Secondly, the high level waste, as numerous contributors here have remarked, notably Alan B, can be reprocessed and reused in reactors. After several cycles there is a much smaller quantity that need only be contained for a few hundred years. Note also that the time line for containment relates to a comparison with the radioactivity of naturally occurring uranium, an arbitrary and political classification.

The reason that high level nuclear waste exists is because of valid concern about the generation of weapons grade actinides. Were this not the case the world today would be far more prosperous with most of our energy generated very cheaply by nuclear reactors, with little or no concern about global warming.

Hi Syoksya,

"Moreover, despite the efficiency of the thorium cycle, the end-of-life management of these materials, including safe storage or reprocessing, is a significant challenge.

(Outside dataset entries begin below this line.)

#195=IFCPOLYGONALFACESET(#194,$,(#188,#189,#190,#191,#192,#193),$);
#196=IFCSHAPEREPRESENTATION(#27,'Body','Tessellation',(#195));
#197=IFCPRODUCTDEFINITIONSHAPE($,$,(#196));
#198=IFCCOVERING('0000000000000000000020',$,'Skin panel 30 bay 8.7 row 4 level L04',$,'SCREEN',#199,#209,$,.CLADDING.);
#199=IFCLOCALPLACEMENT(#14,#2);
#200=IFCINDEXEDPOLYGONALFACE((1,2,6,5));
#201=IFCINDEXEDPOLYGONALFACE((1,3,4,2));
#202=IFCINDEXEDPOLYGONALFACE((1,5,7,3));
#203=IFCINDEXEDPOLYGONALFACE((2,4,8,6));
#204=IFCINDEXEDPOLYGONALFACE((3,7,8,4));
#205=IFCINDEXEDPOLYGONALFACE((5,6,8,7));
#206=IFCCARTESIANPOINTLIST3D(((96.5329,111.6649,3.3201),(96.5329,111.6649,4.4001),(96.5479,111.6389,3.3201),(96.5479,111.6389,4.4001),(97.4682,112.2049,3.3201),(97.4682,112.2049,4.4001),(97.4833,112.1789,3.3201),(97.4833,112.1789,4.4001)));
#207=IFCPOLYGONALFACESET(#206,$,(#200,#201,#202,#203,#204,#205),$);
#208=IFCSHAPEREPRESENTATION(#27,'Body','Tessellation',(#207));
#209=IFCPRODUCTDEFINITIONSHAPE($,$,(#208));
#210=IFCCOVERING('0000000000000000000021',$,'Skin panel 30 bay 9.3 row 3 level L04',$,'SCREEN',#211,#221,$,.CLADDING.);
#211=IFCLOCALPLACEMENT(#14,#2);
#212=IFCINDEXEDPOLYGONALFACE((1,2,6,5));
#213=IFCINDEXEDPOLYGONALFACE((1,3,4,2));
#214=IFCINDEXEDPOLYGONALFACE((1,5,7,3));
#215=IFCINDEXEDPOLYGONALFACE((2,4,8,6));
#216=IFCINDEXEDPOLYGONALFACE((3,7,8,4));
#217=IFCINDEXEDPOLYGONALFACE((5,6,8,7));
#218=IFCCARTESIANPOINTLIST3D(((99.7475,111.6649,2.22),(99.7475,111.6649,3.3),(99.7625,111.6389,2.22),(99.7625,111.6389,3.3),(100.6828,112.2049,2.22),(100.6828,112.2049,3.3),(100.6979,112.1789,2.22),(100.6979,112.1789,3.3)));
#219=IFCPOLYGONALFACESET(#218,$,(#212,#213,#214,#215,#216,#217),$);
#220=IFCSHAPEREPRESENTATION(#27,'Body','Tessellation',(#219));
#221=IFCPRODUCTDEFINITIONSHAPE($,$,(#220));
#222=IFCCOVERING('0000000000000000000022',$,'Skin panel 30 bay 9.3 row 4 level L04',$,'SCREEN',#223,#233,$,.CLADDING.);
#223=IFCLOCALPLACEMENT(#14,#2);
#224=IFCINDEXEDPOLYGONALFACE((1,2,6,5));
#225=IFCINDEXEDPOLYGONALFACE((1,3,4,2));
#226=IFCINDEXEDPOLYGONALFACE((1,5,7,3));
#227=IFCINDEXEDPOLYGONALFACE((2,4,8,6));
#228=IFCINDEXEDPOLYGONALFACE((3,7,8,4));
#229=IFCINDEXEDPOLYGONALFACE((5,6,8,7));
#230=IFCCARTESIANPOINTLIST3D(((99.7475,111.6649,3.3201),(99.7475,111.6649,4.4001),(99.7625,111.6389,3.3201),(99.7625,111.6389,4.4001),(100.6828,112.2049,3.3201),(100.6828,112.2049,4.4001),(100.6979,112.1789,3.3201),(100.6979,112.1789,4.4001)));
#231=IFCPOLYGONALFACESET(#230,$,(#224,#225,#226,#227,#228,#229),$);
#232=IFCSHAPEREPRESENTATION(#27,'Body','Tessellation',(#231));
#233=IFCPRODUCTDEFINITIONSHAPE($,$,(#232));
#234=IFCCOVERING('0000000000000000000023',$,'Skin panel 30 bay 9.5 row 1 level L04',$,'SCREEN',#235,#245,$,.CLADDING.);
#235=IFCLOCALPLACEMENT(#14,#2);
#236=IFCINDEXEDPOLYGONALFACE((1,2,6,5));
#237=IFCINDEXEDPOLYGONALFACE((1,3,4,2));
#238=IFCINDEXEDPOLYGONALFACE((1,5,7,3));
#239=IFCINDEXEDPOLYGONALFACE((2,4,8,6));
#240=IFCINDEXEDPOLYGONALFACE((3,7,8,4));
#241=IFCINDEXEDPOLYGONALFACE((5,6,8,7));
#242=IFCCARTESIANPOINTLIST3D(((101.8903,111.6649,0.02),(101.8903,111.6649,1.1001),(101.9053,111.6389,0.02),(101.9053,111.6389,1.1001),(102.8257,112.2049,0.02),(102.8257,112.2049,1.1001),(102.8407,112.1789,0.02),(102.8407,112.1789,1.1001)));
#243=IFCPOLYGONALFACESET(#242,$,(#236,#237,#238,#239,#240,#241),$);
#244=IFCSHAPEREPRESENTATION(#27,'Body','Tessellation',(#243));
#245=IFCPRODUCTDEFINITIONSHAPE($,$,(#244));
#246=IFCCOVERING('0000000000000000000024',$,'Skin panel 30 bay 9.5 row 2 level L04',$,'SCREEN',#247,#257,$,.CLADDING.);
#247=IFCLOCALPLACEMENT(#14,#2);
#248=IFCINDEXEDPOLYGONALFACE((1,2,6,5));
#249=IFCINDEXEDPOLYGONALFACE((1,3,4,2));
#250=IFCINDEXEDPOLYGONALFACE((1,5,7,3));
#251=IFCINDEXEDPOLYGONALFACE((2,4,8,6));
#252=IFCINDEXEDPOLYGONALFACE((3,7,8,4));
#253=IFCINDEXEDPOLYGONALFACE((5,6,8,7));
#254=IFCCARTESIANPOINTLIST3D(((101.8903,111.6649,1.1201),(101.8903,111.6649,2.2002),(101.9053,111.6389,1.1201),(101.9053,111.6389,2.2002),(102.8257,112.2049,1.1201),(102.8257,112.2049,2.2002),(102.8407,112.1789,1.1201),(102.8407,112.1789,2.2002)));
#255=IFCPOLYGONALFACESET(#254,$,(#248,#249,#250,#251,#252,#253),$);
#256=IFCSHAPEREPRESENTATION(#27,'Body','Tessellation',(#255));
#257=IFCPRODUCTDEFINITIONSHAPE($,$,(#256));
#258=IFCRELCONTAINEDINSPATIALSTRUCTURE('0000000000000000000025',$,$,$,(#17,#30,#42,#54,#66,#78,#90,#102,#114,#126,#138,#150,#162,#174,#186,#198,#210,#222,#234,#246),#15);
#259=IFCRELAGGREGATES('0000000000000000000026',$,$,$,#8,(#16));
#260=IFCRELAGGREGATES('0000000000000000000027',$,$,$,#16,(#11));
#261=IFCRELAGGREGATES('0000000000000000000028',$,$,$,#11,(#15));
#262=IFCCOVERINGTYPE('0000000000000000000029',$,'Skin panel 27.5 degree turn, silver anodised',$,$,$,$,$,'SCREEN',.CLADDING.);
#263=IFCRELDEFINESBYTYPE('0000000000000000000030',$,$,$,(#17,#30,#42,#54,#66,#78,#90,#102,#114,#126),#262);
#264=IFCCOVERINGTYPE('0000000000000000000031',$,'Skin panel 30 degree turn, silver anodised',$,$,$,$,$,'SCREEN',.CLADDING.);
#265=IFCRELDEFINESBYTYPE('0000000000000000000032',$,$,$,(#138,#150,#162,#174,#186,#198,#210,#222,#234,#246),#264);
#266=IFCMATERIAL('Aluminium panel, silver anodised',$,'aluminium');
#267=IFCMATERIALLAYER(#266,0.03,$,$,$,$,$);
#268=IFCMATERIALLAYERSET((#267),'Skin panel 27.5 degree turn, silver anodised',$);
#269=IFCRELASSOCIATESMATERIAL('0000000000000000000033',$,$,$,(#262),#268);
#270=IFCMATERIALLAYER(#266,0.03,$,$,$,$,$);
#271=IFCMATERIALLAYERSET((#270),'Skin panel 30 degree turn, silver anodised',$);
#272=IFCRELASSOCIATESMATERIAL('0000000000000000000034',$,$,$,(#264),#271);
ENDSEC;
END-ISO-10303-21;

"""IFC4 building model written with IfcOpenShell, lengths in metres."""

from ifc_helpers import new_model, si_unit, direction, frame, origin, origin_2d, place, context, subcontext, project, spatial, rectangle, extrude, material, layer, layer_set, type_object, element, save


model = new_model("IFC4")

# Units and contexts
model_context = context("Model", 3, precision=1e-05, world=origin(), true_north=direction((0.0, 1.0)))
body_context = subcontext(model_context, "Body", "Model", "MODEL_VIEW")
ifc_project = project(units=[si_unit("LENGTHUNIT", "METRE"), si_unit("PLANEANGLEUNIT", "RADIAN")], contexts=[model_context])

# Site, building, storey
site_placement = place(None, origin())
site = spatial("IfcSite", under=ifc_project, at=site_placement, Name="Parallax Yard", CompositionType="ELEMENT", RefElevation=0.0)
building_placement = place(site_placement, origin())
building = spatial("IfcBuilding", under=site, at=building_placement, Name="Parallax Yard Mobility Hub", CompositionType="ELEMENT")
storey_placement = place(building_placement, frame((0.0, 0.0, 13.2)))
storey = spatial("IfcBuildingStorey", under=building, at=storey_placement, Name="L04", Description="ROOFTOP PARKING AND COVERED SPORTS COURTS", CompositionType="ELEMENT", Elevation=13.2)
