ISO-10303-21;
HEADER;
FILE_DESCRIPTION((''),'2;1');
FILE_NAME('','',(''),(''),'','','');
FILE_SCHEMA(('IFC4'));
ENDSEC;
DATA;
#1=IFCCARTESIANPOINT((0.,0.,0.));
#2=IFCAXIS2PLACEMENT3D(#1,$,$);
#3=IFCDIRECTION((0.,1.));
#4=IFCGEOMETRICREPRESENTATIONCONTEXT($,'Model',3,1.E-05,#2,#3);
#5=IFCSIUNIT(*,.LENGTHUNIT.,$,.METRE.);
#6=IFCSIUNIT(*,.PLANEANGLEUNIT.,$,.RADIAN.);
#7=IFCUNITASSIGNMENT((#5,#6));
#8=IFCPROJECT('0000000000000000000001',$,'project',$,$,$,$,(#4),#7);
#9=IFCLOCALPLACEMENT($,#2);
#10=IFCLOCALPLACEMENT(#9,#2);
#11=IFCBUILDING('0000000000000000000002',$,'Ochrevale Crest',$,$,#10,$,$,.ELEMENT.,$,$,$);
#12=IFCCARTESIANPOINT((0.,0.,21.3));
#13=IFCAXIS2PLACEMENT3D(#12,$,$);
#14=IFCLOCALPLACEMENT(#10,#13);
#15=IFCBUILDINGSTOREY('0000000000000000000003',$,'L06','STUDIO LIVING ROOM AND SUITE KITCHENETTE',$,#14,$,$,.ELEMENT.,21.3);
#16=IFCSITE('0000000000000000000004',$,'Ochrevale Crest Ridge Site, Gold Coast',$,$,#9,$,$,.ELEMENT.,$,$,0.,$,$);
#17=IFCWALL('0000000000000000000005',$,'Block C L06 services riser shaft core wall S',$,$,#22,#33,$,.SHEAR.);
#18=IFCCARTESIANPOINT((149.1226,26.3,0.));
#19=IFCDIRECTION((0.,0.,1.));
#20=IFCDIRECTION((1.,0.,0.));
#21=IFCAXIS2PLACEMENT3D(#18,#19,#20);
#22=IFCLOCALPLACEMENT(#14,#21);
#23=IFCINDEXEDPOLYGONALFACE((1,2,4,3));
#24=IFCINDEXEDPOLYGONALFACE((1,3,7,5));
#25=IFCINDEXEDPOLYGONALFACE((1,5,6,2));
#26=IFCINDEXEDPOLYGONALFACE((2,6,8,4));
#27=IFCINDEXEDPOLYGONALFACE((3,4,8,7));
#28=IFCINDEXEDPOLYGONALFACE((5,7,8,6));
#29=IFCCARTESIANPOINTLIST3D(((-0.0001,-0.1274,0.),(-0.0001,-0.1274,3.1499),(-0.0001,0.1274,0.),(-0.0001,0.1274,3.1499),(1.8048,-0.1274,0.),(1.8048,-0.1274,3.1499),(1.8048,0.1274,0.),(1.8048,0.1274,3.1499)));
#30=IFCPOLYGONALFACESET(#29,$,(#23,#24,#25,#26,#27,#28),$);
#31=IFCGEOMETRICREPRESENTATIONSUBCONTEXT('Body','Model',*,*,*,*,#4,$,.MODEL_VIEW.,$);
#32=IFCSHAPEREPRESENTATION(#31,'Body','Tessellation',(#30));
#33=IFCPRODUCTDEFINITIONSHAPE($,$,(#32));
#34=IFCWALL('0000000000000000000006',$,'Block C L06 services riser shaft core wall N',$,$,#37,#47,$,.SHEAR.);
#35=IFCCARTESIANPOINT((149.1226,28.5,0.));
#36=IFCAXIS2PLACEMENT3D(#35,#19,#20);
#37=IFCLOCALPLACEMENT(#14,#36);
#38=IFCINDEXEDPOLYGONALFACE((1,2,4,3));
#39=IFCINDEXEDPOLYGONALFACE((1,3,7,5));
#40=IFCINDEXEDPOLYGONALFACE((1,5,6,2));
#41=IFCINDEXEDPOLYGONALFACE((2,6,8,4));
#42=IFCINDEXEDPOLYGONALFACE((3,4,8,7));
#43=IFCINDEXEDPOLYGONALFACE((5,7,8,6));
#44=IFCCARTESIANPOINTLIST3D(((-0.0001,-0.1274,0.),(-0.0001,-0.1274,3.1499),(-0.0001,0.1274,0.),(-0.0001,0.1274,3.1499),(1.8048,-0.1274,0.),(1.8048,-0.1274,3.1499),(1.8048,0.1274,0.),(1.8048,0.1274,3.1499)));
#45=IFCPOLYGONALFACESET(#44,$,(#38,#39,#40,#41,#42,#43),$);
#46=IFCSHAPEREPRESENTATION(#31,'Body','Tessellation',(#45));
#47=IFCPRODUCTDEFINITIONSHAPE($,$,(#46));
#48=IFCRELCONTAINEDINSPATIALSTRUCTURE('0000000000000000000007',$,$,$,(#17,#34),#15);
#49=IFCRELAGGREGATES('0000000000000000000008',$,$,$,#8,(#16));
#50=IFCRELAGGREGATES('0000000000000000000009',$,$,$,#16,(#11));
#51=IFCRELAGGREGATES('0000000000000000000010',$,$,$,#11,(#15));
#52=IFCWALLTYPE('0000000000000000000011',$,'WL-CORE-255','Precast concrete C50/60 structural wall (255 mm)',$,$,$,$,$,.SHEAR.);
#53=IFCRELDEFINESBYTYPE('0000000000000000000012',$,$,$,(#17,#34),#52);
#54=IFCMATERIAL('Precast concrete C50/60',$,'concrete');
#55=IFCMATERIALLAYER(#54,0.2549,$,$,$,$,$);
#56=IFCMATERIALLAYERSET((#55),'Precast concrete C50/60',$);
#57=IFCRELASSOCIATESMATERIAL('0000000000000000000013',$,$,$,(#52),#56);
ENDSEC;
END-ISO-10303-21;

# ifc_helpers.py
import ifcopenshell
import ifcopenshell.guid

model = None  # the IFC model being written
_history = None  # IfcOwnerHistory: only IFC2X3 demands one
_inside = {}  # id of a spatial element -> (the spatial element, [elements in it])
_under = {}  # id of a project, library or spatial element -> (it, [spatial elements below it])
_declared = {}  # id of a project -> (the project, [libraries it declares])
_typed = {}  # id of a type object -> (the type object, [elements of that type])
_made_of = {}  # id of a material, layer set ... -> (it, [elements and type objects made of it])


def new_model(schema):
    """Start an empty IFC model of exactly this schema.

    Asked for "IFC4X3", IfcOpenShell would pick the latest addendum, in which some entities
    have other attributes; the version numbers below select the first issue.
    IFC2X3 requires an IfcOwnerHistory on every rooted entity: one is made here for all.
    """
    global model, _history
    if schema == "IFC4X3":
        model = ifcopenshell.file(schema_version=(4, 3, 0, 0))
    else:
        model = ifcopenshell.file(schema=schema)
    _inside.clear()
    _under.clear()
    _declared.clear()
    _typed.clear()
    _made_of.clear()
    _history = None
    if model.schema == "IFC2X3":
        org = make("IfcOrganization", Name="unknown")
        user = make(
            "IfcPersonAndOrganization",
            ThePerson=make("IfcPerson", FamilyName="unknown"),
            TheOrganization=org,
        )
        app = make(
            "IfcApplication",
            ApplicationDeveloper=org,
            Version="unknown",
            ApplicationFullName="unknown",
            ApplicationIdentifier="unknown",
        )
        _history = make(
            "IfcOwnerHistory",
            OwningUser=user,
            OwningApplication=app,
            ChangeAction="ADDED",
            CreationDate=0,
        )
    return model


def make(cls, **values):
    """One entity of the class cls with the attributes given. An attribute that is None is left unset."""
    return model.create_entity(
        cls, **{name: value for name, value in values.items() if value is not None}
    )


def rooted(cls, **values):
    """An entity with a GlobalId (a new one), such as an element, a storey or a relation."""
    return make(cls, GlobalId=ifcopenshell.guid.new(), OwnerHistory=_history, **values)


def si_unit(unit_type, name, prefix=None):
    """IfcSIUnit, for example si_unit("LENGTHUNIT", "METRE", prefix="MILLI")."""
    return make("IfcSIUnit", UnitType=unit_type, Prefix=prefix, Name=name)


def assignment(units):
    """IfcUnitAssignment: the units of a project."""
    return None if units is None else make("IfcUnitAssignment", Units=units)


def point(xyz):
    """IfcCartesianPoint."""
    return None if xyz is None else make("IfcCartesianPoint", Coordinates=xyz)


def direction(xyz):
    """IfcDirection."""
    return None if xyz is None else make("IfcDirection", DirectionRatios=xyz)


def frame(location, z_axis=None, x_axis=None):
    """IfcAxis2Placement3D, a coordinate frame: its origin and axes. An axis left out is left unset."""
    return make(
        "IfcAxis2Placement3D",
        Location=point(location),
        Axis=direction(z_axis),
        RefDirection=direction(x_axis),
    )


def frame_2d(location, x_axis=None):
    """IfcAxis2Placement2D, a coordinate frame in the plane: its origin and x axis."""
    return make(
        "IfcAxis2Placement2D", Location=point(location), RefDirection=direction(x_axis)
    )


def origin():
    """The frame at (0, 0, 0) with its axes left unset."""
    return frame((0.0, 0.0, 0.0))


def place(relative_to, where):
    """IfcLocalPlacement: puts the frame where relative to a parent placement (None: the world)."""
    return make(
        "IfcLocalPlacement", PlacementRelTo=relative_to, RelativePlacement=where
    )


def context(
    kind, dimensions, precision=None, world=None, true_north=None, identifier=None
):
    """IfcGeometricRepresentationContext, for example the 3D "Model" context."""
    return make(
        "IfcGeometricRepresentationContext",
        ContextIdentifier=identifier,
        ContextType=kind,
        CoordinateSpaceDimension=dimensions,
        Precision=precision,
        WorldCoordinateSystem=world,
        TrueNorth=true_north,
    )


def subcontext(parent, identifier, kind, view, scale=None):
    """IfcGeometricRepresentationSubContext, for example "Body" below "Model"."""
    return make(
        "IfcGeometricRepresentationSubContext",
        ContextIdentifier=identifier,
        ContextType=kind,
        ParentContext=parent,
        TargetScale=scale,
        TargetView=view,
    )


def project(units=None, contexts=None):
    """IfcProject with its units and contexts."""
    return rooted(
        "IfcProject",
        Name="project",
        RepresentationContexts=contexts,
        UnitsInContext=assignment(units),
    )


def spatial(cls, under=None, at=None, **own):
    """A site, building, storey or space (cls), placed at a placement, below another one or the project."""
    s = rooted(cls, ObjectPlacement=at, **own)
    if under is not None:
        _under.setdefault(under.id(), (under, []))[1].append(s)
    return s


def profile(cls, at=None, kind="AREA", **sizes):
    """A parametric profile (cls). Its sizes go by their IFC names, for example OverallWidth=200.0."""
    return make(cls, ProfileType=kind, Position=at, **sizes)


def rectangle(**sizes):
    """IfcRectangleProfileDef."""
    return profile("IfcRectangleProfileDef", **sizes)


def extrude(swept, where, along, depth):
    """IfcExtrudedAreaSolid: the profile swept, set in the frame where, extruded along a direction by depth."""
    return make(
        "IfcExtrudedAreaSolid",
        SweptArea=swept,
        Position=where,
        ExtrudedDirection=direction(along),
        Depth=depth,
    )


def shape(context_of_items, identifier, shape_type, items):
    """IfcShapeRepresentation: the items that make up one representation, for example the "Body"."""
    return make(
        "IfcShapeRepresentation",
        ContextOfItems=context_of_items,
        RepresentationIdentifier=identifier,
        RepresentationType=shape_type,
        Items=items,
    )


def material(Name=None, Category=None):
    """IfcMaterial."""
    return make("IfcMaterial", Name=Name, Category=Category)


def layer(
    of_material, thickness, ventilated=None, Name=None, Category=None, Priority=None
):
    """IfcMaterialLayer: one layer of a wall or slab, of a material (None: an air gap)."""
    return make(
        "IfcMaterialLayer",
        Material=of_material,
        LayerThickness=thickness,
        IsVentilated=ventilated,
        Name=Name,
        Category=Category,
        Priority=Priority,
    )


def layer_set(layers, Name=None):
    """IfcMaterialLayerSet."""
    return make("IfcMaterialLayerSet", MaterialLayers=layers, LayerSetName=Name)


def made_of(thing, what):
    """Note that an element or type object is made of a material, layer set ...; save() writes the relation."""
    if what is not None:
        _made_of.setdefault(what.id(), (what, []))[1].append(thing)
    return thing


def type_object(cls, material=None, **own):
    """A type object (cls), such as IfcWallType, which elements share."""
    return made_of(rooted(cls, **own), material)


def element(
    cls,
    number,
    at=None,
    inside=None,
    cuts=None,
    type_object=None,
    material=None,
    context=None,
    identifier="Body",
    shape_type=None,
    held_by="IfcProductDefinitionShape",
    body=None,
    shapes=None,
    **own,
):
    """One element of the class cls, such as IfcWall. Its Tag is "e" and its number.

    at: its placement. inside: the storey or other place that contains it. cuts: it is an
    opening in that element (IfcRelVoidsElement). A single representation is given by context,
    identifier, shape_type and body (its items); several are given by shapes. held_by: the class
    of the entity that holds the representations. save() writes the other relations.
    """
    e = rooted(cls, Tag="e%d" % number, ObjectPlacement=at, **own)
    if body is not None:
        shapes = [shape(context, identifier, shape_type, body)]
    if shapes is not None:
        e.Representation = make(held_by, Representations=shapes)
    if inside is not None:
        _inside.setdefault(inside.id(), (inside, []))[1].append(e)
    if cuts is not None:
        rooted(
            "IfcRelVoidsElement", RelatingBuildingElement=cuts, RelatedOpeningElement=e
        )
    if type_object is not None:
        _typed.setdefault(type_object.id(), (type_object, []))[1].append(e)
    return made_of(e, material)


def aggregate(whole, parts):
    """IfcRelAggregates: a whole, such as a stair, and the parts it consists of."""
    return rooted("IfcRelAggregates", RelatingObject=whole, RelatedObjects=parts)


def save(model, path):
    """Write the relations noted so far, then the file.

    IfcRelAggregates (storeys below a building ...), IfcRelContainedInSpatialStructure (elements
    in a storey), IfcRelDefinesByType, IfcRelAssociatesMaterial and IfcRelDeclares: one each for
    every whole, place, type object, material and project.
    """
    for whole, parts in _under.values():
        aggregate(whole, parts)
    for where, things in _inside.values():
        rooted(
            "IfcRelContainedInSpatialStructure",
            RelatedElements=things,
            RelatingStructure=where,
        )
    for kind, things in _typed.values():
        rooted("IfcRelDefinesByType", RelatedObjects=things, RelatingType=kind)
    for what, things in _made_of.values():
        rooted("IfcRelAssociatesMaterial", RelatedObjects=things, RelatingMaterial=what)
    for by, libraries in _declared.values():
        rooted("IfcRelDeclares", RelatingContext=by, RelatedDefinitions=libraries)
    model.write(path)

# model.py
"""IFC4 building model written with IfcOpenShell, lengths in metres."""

from ifc_helpers import new_model, si_unit, direction, frame, frame_2d, origin, place, context, subcontext, project, spatial, rectangle, extrude, material, layer, layer_set, type_object, element, save


model = new_model("IFC4")

# Units and contexts
model_context = context("Model", 3, precision=1e-05, world=origin(), true_north=direction((0.0, 1.0)))
body_context = subcontext(model_context, "Body", "Model", "MODEL_VIEW")
ifc_project = project(units=[si_unit("LENGTHUNIT", "METRE"), si_unit("PLANEANGLEUNIT", "RADIAN")], contexts=[model_context])

# Site, building, storey
site_placement = place(None, origin())
site = spatial("IfcSite", under=ifc_project, at=site_placement, Name="Ochrevale Crest Ridge Site, Gold Coast", CompositionType="ELEMENT", RefElevation=0.0)
building_placement = place(site_placement, origin())
building = spatial("IfcBuilding", under=site, at=building_placement, Name="Ochrevale Crest", CompositionType="ELEMENT")
storey_placement = place(building_placement, frame((0.0, 0.0, 21.3)))
storey = spatial("IfcBuildingStorey", under=building, at=storey_placement, Name="L06", Description="STUDIO LIVING ROOM AND SUITE KITCHENETTE", CompositionType="ELEMENT", Elevation=21.3)

# Shared definitions
ifc_material_1 = material(Name="Precast concrete C50/60", Category="concrete")

# Shared definitions
ifc_layer_1 = layer(ifc_material_1, 0.2549)
ifc_layer_set_1 = layer_set([ifc_layer_1], Name="Precast concrete C50/60")
wall_type_1 = type_object("IfcWallType", Name="WL-CORE-255", Description="Precast concrete C50/60 structural wall (255 mm)", PredefinedType="SHEAR", material=ifc_layer_set_1)

# Walls
for number, where, z_axis, x_axis, name in (
    (1, (149.1226, 26.3, 0.0), (0.0, 0.0, 1.0), (1.0, 0.0, 0.0), "Block C L06 services riser shaft core wall S"),
    (2, (149.1226, 28.5, 0.0), (0.0, 0.0, 1.0), (1.0, 0.0, 0.0), "Block C L06 services riser shaft core wall N"),
):
    element("IfcWall", number, at=place(storey_placement, frame(where, z_axis=z_axis, x_axis=x_axis)), inside=storey, type_object=wall_type_1, Name=name, PredefinedType="SHEAR", context=body_context, shape_type="SweptSolid", body=[
        extrude(rectangle(XDim=1.8049, YDim=0.2549, at=frame_2d((0.9023, 0.0))), origin(), (0.0, 0.0, 1.0), 3.1499),
    ])

save(model, "model.ifc")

This aspect is not negated by the efficient use of fuel within the reactor's operational cycle."

That statement is utter nonsense. Fast neutron reactors can do all the things you think impossible, including the destruction of long lived actinides, including plutonium. The critical factor is the design of such reactors.

https://world-nuclear.org/information-library/current-and-future-generation/fast-neutron-reactors.aspx

"About 20 fast neutron reactors (FNR) have already been operating, some since the 1950s, and some supplying electricity commercially. Over 400 reactor-years of operating experience has been accumulated. Fast reactors more deliberately use the uranium-238 as well as the fissile U-235 isotope used in most reactors. If they are designed to produce more plutonium than the uranium and plutonium they consume, they are called fast breeder reactors (FBRs). But many designs are net consumers of fissile material including plutonium.* Fast neutron reactors also can burn long-lived actinides which are recovered from used fuel out of ordinary reactors."